There are six major components in tragedy according to Aristotle. They
are:

• Plot
• Character
• Thought
• Diction
• Song
• Spectacle

1. Plot:
Aristotle defines plot as the soul of tragedy and emphasizes much on its
unity. He treats it as a unified artistic whole directed toward the intended
effect, that is, pleasure of pity and fear and catharsis of such human emotions.
Being a unified whole, a plot should have a proper beginning, a middle and an
end in which every part supports the whole and none of the parts are non-
functional. And being an imitation of an action, the plot should imitate single
action. The inclusion of a series of actions simply because they happen to a
single character does not make an artistic whole.
In the plot, the events develop through complication to catastrophe. The
"hamartia" or a severe tragic flaw of the protagonist leads to the complication
and a sudden revelation, or "anagnorisis", of this flaw intensifies the
complication and it in turn anticipates the tragic end of the character, or
catastrophe after a sudden reversal in the fortune of the character, that is,
"peripeteia". In this way, the plot moves from hamartia through anagnorisis
and peripetiea to catastrophe. This shows that Aristotle favors the complex
plot as opposed to the simple plot in which reversal of the situation is almost
impossible.

2. Character: It has a secondary place after the plot. By character,


Aristotle means the tragic hero who is always a noble man who in turn is
neither thoroughly good nor thoroughly evil but a mixture of both. He is
always higher than the ordinary moral worth. If, according to Aristotle, the
character is better-than-we-are, the tragic effect will be stronger. The tragic
and unfortunate end of such a character moves in us pity and fear. He
moves in us to pity because his misfortune is greater than what he actually
deserves from his hamartia. Likewise, he moves us to fear, for we think of
what will happen to our lesser and fallible selves.

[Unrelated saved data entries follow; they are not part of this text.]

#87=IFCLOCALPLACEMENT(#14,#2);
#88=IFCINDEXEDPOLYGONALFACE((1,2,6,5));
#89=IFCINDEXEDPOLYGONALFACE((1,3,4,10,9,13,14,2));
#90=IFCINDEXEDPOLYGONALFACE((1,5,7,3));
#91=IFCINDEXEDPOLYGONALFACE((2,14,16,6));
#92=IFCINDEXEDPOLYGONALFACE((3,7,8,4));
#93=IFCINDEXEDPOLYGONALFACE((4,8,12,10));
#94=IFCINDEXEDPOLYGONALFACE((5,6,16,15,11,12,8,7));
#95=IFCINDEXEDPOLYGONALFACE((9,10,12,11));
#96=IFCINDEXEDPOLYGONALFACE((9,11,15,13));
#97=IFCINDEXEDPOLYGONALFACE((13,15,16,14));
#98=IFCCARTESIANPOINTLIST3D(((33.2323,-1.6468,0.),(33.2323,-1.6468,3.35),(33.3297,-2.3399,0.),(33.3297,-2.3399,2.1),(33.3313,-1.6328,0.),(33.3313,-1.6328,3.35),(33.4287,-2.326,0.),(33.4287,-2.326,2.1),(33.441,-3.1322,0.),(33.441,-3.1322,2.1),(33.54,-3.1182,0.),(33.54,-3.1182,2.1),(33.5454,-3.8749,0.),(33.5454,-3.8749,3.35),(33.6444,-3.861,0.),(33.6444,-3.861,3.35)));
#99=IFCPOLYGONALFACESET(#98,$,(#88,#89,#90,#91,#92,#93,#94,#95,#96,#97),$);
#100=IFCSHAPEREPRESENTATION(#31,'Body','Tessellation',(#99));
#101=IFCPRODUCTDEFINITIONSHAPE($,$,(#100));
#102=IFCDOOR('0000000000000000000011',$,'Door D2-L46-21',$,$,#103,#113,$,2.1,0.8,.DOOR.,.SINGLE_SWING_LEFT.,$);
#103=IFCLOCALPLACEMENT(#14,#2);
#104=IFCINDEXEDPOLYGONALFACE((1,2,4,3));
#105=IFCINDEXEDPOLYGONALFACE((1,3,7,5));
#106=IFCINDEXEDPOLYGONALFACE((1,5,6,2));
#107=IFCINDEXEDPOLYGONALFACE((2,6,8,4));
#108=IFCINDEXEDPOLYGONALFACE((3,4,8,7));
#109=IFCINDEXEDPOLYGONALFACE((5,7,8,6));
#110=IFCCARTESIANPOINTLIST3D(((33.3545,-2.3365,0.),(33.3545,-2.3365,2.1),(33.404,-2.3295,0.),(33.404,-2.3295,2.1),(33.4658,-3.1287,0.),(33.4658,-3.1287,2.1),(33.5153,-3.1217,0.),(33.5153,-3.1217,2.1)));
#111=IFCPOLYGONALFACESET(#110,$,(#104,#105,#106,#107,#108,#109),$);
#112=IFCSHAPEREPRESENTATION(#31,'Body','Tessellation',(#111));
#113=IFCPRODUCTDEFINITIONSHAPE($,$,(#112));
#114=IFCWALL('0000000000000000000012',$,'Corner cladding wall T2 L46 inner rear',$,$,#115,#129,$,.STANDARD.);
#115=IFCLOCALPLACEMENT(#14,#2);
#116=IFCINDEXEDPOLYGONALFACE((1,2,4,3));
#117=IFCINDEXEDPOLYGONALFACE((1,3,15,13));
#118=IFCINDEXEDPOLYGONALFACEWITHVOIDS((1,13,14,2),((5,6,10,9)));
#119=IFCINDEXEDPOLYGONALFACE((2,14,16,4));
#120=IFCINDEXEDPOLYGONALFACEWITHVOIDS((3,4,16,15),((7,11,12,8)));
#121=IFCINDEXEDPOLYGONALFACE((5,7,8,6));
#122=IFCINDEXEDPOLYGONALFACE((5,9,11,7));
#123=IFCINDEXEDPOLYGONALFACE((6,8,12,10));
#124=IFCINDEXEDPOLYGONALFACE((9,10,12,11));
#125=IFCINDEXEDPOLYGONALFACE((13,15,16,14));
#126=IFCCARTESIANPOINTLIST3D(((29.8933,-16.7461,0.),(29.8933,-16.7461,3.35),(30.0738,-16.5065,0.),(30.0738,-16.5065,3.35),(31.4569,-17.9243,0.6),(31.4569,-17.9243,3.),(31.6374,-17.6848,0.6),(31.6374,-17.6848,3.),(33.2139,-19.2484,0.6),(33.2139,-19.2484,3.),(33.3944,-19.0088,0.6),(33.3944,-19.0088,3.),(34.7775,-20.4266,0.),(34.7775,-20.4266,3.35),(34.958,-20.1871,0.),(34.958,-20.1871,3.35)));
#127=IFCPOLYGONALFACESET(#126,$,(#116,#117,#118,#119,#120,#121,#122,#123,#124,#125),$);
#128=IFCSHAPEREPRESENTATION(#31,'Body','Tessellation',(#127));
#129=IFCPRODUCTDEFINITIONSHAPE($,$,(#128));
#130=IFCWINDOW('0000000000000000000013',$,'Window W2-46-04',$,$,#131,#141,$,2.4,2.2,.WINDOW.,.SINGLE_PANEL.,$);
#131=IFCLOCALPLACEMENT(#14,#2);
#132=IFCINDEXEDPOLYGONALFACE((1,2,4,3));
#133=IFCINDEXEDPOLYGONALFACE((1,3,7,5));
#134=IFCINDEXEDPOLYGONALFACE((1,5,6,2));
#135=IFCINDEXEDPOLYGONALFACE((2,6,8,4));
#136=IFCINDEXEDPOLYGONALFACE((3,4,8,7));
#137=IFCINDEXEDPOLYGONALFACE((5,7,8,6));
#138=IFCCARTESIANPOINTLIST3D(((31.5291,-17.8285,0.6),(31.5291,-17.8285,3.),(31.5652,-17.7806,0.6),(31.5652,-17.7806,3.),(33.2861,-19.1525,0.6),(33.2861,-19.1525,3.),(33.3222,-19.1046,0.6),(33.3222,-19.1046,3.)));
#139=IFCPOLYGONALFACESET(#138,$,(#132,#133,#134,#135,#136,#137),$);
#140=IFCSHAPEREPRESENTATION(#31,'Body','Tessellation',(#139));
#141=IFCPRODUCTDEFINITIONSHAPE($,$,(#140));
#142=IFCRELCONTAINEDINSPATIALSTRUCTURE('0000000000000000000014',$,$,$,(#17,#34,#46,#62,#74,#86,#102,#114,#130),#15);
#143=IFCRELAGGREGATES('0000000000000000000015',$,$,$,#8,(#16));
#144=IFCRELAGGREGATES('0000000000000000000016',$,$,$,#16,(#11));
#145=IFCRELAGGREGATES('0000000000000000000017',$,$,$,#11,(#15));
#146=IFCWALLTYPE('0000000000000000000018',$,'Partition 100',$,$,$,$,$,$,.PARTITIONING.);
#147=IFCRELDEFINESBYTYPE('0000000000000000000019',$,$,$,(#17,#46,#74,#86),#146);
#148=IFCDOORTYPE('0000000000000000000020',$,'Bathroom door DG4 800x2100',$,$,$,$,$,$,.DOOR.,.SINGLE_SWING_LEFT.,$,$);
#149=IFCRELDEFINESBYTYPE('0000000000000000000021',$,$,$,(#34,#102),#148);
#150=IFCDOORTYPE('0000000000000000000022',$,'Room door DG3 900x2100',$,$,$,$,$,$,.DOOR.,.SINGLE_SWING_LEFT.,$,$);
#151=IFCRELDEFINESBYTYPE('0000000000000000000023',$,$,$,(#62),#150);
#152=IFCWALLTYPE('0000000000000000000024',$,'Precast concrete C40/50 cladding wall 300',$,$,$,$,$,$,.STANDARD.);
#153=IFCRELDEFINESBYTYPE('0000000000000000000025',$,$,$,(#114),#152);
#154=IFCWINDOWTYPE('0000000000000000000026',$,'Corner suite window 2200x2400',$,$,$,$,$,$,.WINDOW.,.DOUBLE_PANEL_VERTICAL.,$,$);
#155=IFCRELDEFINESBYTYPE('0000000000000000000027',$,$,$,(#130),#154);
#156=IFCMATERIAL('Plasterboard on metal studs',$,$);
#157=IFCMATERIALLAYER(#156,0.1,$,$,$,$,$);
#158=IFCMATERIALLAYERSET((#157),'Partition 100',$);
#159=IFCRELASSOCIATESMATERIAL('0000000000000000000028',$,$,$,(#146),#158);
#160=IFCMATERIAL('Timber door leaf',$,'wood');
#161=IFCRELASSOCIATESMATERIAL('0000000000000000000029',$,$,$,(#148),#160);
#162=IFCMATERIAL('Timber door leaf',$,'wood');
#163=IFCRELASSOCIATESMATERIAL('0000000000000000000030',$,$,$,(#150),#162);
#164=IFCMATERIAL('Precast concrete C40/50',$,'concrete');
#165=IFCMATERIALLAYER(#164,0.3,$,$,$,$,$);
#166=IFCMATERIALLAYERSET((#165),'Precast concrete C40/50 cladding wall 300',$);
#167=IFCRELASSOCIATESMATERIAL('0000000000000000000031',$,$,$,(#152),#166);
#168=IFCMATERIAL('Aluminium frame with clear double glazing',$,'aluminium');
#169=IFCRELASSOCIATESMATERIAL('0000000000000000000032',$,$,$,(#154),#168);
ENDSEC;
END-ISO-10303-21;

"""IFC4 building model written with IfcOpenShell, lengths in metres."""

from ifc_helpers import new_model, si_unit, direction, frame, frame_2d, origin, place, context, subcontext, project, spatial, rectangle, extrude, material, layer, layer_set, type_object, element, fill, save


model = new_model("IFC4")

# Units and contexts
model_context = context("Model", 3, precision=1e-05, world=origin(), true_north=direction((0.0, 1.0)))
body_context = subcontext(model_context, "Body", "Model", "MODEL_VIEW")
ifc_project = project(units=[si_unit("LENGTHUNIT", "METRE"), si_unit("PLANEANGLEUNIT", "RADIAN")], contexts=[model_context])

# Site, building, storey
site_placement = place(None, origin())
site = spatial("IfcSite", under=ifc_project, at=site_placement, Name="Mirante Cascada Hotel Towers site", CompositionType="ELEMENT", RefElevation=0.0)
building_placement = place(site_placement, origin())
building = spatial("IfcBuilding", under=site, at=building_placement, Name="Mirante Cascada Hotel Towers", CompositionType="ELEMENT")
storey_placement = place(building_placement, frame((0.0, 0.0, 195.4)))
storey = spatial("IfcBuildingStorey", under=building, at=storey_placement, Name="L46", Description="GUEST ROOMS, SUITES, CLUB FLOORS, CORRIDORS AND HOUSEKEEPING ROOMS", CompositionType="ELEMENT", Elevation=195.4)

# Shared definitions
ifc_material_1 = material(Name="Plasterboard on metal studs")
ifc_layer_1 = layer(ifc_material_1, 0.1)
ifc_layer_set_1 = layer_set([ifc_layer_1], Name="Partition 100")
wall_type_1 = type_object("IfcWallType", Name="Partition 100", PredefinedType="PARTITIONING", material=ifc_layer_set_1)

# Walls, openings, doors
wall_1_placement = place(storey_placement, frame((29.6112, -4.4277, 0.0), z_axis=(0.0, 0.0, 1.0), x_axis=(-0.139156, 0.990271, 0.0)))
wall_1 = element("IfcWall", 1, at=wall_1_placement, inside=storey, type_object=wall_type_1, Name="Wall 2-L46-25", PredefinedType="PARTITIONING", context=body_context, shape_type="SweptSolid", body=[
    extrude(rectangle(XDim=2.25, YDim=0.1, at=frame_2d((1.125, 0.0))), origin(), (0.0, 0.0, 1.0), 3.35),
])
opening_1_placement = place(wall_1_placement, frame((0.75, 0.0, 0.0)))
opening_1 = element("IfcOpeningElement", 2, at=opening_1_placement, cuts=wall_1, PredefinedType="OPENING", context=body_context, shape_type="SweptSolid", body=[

3. Thought: It is a way of saying what is appropriate to a given


circumstance or situation. There should be a proper relationship between
thought and situation. For example, a grave situation always expects a
grave thought and vice-versa.

4. Diction: It refers to the expression of meaning in words, or it is a primary


mode of imitating the action. Words are medium of representation, and
bearer of tragic meaning and effect.

5. Song: Song is taken to be chief among the embellishments used in


tragedy. It particularly refers to the song sung by a group of people known
as chorus. Or, in other words, it refers to what is generally known as choric
commentary in tragedy. It includes analysis of the major events of past,
present and what will happen in the future that intensify the dramatic
effects. It narrates the major events that are not shown on stage.

6. Spectacles: It means the scenes used in drama for the sake of


emotional attraction of the audience. It heightens the emotional
significance of an event in the drama. But this is the sole work of a stage
machinist or manager to set the scene as described by the dramatist.
This theory of tragedy later developed through Castlevetro to neo-classical
theorists like Cornellie in 16th and 17th centuries. But where Aristotle is
descriptive in his own right, the neoclassical theorists developed it as a rule of
tragedy with an addition of two other elements to make up three unities of
drama assimilating Aristotle's emphasis upon the unity of action.